Destarte, vislumbrando a hipótese grafada no artigo 189, incisos I e III, caput, do novo Código de Processo Civil, o feito tramitará sob segredo de justiça. Anote-se.Trata-se de requerimento de tutela antecipada em caráter antecedente. Os requerentes alegam que integraram o Comitê Gestor do Santos Futebol Clube em 2013 e 2014, tendo figurado em comissão de sindicância que visava a apurar irregularidades cometidas durante a gestão referida.

Aduzem que o processo administrativo está eivado de nulidade, especialmente no que toca à imposição de penalidade de expulsão da agremiação, providência que almejam seja sustada.Pois bem.A intervenção do Poder Judiciário em questões “interna corporis” é absolutamente excepcional e cinge-se ao controle de legalidade, isto é, verificação da observância do processo administrativo ao que dispõe o estatuto respectivo; e se a interpretação a ele dada é consonante com o ordenamento jurídico vigente, afinal, associações são figuras previstas em lei e a finalidade ilícita é vedada, não se concebendo admitir que atos praticados no âmbito associativo violem disposição legal.

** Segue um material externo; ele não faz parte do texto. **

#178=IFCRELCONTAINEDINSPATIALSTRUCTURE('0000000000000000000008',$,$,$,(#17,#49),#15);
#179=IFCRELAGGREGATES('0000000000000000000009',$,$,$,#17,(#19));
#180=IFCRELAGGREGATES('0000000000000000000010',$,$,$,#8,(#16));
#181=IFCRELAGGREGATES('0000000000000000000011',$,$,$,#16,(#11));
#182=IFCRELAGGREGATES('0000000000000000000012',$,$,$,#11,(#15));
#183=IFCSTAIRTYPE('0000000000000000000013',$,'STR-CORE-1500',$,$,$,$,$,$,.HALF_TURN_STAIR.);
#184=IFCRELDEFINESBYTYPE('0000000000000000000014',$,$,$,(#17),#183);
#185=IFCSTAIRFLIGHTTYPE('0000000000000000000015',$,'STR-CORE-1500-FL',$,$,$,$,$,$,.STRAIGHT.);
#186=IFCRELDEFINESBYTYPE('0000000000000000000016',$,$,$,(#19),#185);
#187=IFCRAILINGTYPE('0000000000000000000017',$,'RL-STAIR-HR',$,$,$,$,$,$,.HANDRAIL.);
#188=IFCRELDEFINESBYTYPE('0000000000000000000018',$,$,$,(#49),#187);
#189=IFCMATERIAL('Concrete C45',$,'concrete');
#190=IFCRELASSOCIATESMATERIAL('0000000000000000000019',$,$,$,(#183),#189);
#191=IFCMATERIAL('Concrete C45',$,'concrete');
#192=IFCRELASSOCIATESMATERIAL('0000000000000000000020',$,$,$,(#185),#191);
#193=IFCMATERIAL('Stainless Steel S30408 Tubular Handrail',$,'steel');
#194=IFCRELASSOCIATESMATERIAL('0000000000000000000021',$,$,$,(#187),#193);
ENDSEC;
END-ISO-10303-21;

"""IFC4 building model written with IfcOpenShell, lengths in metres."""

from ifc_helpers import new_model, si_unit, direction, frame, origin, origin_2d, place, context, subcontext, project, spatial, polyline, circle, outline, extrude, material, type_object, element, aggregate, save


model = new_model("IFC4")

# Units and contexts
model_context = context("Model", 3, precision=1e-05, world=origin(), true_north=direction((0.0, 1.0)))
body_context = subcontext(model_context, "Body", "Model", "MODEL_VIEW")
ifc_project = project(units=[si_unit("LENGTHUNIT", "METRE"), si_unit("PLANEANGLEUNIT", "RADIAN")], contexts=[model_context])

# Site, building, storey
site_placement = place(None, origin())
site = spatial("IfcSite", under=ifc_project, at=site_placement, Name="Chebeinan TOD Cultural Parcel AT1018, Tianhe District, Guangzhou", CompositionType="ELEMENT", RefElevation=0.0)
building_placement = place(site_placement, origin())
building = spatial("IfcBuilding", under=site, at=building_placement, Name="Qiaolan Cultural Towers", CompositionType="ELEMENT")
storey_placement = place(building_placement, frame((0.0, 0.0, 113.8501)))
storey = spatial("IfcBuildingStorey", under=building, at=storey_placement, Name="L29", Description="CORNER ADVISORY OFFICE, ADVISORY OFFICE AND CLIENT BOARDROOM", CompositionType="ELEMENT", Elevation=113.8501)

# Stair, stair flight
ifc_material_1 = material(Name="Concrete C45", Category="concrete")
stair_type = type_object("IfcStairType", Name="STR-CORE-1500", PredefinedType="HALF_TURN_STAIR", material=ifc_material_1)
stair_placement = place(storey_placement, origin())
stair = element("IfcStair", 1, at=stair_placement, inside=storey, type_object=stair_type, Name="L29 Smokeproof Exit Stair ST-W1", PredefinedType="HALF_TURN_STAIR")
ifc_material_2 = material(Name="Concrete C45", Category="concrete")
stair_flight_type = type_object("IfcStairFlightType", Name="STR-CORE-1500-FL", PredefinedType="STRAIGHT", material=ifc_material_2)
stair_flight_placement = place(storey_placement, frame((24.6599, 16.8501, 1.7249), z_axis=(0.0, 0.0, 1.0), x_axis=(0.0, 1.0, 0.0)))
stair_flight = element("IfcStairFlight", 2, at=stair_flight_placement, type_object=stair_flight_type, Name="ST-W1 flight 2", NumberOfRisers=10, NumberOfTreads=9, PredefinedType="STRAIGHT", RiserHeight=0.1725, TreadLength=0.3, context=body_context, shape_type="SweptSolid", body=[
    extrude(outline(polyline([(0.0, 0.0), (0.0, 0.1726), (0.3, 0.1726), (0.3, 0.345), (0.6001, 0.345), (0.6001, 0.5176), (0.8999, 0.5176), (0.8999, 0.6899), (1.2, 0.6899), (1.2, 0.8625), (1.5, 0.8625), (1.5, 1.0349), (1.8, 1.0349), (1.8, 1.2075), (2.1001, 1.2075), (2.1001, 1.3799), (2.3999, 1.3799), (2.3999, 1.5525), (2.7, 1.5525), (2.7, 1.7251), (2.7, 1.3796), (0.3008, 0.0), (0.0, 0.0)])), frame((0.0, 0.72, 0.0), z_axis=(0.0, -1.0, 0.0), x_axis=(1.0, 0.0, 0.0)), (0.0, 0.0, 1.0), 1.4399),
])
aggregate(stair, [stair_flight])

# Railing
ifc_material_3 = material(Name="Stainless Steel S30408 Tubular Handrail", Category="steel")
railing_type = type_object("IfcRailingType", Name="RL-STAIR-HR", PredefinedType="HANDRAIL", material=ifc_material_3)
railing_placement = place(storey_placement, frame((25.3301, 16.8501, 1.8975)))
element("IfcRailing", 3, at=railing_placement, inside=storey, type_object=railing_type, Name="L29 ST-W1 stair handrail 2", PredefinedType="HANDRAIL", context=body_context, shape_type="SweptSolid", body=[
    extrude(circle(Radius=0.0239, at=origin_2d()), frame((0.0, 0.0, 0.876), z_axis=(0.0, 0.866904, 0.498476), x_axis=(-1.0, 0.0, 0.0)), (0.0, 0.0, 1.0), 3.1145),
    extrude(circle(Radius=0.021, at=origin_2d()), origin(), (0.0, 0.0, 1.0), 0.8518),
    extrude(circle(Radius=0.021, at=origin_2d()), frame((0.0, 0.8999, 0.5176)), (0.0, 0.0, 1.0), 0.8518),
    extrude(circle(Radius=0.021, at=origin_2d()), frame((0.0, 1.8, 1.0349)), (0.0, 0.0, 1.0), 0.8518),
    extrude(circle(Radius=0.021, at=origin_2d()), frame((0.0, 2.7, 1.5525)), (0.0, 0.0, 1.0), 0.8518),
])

A antecipação dos efeitos da tutela, por inverter a regra constitucional do contraditório, também é absolutamente excepcional, adstrita a concessão às possibilidades expressamente previstas em lei, quando a situação fática não recomendar correr o risco da demora.No caso, os requerentes querem que o Juízo, liminarmente, desfaça efeitos de decisão “interna corporis”, o que, apesar de parecer extrema, revela-se cabível ao caso concreto.Aparentemente os requerentes não sofreram com violação ao princípio do contraditório, haja vista que apresentaram longa defesa e manifestaram-se em mais de uma fase da sindicância de rejeição de contas, como se vê às p. 276/390 e 392/396.

O parecer da comissão, por sua vez, é extenso e detalhado (p. 397/431), e sem prejuízo da oportuna apreciação de seu conteúdo, se for o caso, num primeiro olhar não ostenta conteúdo teratológico. O que sugere descompasso é o rumo final do processo, uma vez que o parecer recomendava suspensão dos requerentes da agremiação, porém a sessão do Conselho Deliberativo que haveria de julgá-lo, pelo que se compreende, desvirtuou seu conteúdo e colocou em votação aparentemente apressada a expulsão dos requerentes.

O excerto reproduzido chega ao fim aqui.